The Padre is blessing the meatballs and kisses Mama who utters “Ah men” or “Amen.” The priest tells Mama that even though “Rocco” means “rock,” she is the true rock of the place. If I didn’t know better I would say that the priest is flirting with Mama DiSpirito or at least hoping for a free meatball dinner. Rocco says that the meatballs are perfect and don’t need blessing. Does Rocco have to pay the priest for each blessing? He tells the Priest that despite the heat lamps, the food is still cold – maybe you should check the thermostat in the ovens instead, knucklehead. He then asks to send God’s love to all the dishes in the kitchen.
A Change is Coming
With the realization that there should be a renewed effort, Rocco says that because things have gone wrong in the kitchen, that should be the logical place to begin to set things right. With a new vigor the hum of activity begins.

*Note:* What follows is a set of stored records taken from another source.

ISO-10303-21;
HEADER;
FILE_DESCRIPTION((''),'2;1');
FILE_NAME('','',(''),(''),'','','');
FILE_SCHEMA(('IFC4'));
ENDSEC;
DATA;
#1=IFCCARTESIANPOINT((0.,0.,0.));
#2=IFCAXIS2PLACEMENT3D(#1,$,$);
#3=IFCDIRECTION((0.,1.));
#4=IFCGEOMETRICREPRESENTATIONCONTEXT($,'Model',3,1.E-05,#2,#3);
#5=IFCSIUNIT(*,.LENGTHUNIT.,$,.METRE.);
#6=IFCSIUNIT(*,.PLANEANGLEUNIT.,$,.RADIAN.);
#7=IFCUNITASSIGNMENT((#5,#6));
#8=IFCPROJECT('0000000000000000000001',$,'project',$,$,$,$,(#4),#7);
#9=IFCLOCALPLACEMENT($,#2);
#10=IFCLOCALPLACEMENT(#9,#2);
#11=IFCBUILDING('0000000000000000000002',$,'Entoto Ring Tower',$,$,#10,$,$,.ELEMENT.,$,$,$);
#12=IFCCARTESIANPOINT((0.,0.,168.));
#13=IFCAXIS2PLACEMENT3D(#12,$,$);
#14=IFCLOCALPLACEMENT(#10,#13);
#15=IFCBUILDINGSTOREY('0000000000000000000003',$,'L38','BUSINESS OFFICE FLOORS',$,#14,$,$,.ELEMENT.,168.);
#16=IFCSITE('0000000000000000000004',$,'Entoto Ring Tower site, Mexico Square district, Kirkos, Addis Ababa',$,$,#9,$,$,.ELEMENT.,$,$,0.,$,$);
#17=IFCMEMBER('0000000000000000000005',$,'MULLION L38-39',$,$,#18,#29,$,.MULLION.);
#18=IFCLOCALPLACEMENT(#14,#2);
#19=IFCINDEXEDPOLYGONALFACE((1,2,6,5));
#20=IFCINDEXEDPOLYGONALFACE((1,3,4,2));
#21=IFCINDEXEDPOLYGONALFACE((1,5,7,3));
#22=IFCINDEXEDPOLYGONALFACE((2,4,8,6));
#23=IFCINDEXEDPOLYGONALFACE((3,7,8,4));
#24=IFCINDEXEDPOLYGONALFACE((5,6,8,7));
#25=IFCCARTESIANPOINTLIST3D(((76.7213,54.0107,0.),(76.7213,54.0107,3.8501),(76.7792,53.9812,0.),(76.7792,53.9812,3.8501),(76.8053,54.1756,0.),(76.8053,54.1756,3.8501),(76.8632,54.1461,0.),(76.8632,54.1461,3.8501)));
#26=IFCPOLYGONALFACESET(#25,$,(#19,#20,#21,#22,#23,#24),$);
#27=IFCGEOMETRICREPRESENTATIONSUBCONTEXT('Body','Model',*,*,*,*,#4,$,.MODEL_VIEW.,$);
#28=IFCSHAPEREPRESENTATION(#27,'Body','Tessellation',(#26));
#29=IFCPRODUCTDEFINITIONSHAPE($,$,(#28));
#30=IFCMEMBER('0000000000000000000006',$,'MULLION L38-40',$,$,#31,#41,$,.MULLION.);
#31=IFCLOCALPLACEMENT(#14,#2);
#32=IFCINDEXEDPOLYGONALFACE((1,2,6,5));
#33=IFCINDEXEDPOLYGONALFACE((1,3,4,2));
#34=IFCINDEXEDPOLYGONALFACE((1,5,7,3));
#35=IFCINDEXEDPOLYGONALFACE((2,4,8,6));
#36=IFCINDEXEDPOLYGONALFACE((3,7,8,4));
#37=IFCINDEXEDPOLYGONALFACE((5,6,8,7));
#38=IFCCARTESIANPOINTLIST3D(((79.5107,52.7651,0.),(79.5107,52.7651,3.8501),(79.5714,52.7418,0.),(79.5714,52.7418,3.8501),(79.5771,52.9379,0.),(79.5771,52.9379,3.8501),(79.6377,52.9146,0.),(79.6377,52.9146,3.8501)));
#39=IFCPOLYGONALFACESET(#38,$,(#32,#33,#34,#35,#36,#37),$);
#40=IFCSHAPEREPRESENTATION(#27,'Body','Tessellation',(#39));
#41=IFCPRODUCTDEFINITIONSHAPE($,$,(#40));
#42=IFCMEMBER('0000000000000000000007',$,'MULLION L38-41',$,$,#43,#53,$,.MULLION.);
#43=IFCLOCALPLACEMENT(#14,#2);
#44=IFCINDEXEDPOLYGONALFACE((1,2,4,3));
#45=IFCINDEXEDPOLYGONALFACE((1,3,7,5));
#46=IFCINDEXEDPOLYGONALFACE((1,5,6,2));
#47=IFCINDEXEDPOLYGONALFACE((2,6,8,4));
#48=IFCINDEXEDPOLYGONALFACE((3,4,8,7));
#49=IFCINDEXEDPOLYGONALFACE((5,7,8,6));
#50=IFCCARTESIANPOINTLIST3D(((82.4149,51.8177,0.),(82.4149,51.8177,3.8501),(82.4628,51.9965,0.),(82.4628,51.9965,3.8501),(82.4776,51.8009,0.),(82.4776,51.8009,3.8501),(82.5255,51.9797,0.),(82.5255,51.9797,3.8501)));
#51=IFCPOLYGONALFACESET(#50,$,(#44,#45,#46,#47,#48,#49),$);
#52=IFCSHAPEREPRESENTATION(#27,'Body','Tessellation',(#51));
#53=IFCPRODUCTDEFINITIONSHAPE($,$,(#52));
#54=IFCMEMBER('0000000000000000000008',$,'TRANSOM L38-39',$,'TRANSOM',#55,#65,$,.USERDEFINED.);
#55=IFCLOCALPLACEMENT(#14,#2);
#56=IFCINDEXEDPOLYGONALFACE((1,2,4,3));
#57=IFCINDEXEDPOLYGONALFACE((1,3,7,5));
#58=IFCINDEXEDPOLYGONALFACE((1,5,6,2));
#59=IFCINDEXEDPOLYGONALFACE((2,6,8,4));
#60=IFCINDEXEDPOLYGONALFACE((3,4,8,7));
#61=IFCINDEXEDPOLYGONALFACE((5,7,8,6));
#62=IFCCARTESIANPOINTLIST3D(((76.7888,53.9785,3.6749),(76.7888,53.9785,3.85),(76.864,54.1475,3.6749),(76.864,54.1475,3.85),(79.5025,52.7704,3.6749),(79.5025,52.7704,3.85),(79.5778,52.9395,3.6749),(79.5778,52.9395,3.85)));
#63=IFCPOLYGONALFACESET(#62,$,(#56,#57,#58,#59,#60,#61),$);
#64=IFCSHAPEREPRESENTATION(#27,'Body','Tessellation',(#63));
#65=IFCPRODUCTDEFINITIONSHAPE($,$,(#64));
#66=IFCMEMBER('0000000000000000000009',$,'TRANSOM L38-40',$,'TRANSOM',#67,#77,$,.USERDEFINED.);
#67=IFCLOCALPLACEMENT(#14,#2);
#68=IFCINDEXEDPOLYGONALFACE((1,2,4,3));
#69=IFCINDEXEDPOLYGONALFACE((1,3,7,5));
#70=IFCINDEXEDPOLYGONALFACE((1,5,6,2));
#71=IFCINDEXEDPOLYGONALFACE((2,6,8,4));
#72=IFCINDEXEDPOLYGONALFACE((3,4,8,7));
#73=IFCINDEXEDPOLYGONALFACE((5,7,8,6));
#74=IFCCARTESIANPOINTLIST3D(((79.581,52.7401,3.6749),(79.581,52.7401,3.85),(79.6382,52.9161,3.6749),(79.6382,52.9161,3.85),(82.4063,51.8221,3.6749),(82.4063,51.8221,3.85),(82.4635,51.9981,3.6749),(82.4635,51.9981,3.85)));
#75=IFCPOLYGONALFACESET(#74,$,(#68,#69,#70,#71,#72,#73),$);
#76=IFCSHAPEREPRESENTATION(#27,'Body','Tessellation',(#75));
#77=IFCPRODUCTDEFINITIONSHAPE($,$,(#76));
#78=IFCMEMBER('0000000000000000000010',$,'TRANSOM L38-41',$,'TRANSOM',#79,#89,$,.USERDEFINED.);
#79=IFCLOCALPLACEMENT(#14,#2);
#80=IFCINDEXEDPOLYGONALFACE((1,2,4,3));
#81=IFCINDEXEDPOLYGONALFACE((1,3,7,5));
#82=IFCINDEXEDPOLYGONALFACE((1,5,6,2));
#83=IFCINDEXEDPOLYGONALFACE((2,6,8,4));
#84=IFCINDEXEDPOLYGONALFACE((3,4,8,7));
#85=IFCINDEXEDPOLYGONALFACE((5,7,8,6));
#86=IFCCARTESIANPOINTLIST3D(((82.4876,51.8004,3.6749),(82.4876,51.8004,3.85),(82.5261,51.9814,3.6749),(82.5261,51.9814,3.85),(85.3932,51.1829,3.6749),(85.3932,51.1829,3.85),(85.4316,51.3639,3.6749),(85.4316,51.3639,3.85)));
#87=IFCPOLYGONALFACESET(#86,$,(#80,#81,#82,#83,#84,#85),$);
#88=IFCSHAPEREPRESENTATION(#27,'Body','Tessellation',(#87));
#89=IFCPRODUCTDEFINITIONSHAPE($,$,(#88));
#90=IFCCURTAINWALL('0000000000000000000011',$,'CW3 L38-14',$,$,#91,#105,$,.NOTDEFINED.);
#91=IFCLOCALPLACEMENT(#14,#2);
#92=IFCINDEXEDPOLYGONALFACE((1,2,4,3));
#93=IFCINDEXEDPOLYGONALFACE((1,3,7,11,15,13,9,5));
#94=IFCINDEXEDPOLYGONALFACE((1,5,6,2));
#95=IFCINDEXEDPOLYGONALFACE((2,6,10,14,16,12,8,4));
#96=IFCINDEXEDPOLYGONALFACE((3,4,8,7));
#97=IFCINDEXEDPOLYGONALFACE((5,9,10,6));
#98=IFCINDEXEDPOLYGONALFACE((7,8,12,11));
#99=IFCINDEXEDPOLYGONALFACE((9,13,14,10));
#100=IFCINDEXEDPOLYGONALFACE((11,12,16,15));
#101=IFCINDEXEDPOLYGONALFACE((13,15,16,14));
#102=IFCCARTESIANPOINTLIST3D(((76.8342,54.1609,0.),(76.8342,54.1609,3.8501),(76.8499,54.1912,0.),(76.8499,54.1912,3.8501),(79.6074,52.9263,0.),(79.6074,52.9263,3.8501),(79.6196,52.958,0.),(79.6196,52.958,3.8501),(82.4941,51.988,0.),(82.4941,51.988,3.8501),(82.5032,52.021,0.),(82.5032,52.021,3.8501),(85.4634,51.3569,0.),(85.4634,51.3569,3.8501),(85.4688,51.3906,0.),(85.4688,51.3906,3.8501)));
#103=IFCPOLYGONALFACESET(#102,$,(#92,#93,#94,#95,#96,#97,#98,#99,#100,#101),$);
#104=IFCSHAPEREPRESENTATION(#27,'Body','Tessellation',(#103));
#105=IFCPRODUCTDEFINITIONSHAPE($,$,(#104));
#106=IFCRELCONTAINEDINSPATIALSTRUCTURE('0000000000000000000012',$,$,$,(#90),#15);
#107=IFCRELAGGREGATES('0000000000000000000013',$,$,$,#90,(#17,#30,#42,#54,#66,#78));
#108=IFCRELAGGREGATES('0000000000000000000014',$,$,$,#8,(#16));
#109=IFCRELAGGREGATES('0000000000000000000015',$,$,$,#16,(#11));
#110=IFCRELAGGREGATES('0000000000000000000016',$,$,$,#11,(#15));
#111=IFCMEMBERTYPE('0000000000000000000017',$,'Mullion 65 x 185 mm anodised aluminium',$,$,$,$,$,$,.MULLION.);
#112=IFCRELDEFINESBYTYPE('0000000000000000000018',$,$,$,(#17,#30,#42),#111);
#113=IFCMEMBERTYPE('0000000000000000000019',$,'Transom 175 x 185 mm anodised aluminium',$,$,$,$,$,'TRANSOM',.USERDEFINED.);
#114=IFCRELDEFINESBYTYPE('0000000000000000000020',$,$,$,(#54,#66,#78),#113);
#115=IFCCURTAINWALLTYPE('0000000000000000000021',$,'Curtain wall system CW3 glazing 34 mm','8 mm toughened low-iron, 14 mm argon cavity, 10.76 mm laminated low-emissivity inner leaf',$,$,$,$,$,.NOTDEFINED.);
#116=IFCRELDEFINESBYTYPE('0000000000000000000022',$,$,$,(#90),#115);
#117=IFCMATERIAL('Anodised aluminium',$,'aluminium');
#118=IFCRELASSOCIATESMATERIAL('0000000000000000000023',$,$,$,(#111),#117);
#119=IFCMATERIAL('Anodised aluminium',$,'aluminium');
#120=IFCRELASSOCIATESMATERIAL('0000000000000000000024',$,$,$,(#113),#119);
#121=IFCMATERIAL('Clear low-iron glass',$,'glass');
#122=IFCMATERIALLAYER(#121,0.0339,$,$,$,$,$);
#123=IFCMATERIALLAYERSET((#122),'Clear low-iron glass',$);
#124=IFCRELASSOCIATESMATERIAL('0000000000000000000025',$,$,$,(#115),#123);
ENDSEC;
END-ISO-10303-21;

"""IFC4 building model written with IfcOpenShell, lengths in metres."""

from ifc_helpers import new_model, si_unit, direction, frame, origin, origin_2d, place, context, subcontext, project, spatial, polyline, rectangle, outline, extrude, material, layer, layer_set, material_profile, profile_set, type_object, element, aggregate, save


model = new_model("IFC4")

# Units and contexts
model_context = context("Model", 3, precision=1e-05, world=origin(), true_north=direction((0.0, 1.0)))
body_context = subcontext(model_context, "Body", "Model", "MODEL_VIEW")
ifc_project = project(units=[si_unit("LENGTHUNIT", "METRE"), si_unit("PLANEANGLEUNIT", "RADIAN")], contexts=[model_context])

# Members
ifc_material_1 = material(Name="Anodised aluminium", Category="aluminium")
ifc_material_profile_1 = material_profile(ifc_material_1, rectangle(XDim=0.0649, YDim=0.1851, at=origin_2d()), Name="Mullion 65 x 185 mm anodised aluminium")
ifc_profile_set_1 = profile_set([ifc_material_profile_1], Name="Anodised aluminium")
member_type_1 = type_object("IfcMemberType", Name="Mullion 65 x 185 mm anodised aluminium", PredefinedType="MULLION", material=ifc_profile_set_1)
site_placement = place(None, origin())
building_placement = place(site_placement, origin())
storey_placement = place(building_placement, frame((0.0, 0.0, 168.0)))
member_1_placement = place(storey_placement, frame((76.7922, 54.0784, 0.0), z_axis=(0.0, 0.0, 1.0), x_axis=(0.891007, -0.45399, 0.0)))
member_1 = element("IfcMember", 1, at=member_1_placement, type_object=member_type_1, Name="MULLION L38-39", PredefinedType="MULLION", context=body_context, shape_type="SweptSolid", body=[
    extrude(rectangle(XDim=0.0649, YDim=0.1851, at=origin_2d()), origin(), (0.0, 0.0, 1.0), 3.8501),
])
member_2_placement = place(storey_placement, frame((79.5742, 52.8398, 0.0), z_axis=(0.0, 0.0, 1.0), x_axis=(0.93358, -0.358368, 0.0)))
member_2 = element("IfcMember", 2, at=member_2_placement, type_object=member_type_1, Name="MULLION L38-40", PredefinedType="MULLION", context=body_context, shape_type="SweptSolid", body=[
    extrude(rectangle(XDim=0.0649, YDim=0.1851, at=origin_2d()), origin(), (0.0, 0.0, 1.0), 3.8501),
])
member_3_placement = place(storey_placement, frame((82.4702, 51.8987, 0.0), z_axis=(0.0, 0.0, 1.0), x_axis=(0.965926, -0.258819, 0.0)))
member_3 = element("IfcMember", 3, at=member_3_placement, type_object=member_type_1, Name="MULLION L38-41", PredefinedType="MULLION", context=body_context, shape_type="SweptSolid", body=[
    extrude(rectangle(XDim=0.0649, YDim=0.1851, at=origin_2d()), origin(), (0.0, 0.0, 1.0), 3.8501),
])
ifc_material_2 = material(Name="Anodised aluminium", Category="aluminium")
ifc_material_profile_2 = material_profile(ifc_material_2, rectangle(XDim=0.1851, YDim=0.175, at=origin_2d()), Name="Transom 175 x 185 mm anodised aluminium")
ifc_profile_set_2 = profile_set([ifc_material_profile_2], Name="Anodised aluminium")
member_type_2 = type_object("IfcMemberType", Name="Transom 175 x 185 mm anodised aluminium", ElementType="TRANSOM", PredefinedType="USERDEFINED", material=ifc_profile_set_2)
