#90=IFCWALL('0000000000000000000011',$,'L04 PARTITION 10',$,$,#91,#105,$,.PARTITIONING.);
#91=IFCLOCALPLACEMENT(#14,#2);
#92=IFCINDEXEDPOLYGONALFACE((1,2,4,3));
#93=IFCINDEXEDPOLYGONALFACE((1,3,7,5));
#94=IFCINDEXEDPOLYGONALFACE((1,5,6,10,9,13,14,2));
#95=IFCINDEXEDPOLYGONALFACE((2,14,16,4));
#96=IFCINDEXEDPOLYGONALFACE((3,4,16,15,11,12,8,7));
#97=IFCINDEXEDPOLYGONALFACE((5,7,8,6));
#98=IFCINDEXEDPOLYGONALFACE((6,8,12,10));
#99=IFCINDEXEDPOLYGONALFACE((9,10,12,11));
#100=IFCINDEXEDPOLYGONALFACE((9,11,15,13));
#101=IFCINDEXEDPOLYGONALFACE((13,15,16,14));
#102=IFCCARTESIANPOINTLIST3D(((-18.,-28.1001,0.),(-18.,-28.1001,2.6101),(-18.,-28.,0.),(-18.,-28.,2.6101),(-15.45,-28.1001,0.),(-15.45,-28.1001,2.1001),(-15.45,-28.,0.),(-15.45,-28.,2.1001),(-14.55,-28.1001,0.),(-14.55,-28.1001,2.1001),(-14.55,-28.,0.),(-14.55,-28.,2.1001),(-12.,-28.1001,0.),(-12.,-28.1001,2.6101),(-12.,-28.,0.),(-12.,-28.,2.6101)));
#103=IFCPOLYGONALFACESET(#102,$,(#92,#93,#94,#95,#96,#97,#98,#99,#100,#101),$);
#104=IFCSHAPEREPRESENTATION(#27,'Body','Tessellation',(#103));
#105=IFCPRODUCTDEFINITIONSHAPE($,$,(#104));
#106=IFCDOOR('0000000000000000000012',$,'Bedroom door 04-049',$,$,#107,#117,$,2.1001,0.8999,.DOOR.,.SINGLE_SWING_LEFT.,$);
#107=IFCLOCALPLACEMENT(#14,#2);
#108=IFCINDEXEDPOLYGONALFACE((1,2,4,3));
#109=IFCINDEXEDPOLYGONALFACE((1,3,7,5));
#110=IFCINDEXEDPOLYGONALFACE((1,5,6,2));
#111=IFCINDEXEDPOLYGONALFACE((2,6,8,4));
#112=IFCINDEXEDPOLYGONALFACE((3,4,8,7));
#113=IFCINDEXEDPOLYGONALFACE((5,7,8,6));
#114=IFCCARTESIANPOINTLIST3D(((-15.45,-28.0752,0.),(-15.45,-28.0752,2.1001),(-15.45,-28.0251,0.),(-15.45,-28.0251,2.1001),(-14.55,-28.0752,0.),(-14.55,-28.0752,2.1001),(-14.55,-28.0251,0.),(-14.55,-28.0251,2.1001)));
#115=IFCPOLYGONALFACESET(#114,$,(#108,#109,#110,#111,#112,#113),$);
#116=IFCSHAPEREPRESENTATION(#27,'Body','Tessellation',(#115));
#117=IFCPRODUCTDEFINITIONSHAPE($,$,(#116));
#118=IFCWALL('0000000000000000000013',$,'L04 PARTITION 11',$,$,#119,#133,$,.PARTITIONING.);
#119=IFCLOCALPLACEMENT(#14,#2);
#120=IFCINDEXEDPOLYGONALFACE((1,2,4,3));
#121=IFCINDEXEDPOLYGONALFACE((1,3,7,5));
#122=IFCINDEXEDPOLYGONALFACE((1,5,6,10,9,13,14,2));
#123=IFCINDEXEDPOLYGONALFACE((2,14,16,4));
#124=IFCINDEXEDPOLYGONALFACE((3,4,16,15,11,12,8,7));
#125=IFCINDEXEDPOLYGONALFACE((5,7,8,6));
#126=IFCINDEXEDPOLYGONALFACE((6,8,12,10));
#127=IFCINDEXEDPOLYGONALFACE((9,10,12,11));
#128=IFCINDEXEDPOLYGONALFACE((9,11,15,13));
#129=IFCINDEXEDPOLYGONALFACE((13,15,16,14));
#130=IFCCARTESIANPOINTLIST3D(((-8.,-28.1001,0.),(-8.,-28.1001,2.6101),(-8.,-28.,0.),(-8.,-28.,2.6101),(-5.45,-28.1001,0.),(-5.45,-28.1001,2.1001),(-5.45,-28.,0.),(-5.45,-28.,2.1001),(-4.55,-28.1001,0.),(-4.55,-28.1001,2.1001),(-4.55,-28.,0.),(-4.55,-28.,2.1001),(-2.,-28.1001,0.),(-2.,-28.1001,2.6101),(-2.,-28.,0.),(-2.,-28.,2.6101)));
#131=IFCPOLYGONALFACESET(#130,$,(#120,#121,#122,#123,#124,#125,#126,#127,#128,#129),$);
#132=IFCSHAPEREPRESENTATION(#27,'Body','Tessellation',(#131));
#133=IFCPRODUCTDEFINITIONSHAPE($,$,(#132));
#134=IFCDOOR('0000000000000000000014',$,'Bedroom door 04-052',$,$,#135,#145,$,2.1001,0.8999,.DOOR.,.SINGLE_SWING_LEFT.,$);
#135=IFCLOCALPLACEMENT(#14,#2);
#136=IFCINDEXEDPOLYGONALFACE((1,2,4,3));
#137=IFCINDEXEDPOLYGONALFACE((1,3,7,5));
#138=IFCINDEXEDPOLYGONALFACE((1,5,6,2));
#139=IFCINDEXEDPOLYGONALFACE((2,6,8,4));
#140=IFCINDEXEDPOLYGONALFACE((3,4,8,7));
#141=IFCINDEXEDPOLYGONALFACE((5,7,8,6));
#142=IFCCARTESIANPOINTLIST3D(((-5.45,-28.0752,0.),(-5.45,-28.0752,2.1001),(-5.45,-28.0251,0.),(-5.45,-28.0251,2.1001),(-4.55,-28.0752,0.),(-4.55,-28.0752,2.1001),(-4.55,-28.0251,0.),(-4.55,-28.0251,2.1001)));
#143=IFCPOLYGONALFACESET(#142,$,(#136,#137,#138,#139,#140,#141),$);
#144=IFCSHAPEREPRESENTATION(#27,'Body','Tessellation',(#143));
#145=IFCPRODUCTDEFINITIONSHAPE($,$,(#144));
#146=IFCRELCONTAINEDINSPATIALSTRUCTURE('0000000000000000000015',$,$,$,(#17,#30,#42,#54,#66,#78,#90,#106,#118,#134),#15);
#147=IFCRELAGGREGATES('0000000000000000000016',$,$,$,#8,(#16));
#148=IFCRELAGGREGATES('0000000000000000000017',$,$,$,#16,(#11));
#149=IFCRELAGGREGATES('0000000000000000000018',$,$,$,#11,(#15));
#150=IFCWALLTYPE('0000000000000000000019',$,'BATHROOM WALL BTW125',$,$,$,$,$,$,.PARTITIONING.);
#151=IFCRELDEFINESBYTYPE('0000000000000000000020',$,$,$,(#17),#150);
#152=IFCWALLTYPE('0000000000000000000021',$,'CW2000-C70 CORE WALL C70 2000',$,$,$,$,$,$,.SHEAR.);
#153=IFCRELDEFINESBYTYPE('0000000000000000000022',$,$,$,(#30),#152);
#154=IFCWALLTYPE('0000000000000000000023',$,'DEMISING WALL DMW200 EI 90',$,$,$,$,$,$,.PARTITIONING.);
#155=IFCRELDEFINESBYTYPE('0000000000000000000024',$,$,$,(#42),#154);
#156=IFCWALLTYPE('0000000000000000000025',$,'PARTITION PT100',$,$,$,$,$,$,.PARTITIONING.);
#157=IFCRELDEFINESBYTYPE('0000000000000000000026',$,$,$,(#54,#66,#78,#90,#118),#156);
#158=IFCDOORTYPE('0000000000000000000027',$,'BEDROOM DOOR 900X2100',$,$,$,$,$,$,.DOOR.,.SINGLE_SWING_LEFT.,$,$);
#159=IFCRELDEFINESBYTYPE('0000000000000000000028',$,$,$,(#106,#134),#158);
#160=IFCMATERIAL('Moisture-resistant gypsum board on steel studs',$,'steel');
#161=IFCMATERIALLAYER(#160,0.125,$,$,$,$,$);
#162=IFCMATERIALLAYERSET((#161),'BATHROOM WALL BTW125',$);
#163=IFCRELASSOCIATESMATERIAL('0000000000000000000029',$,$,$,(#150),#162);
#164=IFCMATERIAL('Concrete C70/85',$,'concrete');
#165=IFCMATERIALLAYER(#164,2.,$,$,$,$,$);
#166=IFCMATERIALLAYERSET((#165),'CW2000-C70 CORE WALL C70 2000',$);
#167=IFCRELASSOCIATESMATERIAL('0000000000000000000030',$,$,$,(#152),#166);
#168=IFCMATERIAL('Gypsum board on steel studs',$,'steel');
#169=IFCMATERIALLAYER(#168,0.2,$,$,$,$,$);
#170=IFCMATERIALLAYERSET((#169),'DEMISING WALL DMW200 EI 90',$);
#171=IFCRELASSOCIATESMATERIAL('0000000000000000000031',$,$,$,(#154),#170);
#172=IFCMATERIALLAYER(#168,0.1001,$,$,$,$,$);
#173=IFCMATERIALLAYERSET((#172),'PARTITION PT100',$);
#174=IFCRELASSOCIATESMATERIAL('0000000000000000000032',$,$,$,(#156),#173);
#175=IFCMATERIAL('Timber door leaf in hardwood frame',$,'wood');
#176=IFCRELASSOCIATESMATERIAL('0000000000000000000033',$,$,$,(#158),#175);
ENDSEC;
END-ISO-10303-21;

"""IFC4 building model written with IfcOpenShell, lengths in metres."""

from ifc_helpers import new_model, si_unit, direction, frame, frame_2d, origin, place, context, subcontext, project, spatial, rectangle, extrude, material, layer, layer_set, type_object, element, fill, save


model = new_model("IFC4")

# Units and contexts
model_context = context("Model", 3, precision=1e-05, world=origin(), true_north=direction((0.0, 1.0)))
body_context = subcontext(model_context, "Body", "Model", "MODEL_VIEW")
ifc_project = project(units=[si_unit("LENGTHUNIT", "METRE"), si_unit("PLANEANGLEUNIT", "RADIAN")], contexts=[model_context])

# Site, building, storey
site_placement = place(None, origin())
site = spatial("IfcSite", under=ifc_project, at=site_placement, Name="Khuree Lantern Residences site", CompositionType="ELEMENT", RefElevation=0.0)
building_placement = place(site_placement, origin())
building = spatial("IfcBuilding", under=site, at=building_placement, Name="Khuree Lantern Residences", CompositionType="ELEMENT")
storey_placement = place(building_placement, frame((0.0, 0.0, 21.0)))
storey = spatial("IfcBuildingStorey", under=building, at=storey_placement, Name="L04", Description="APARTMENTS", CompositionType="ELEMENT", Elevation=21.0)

In the dining room, there is a happy buzz for a change, servers are suggesting dishes merrily and customers are actually praising the food. People are getting tearful over the meatballs and ordering seconds. We hear some wonderful classical piece of music and it’s killing me because it is some overture that I know so well and I cannot for the life of me think of the name. If you have read this far in my scintillating recap and actually know the name of the piece of music, please put me out of my misery by telling me what it is.
We have a feeling that things are turning around for everybody at the restaurant. Rocco’s new credo is that when there is good food, then the customers seem happy. What took you so long to figure that out, Paisan? Eh?
A meeting is called and Rocco thanks his staff for a change instead of berating them. He has taken a cue from another reality show that shall remain nameless by saying that “Get ready because everything is about to change.” We see shocked looks cross faces as we hear about a new system that will bring peace and happiness to one and all. I had to end this some way, so I made that last part up.
The new system is put into effect as Rocco becomes a waiter, Chef Perry struggles in the kitchen and one of the waiters fulfills his dream.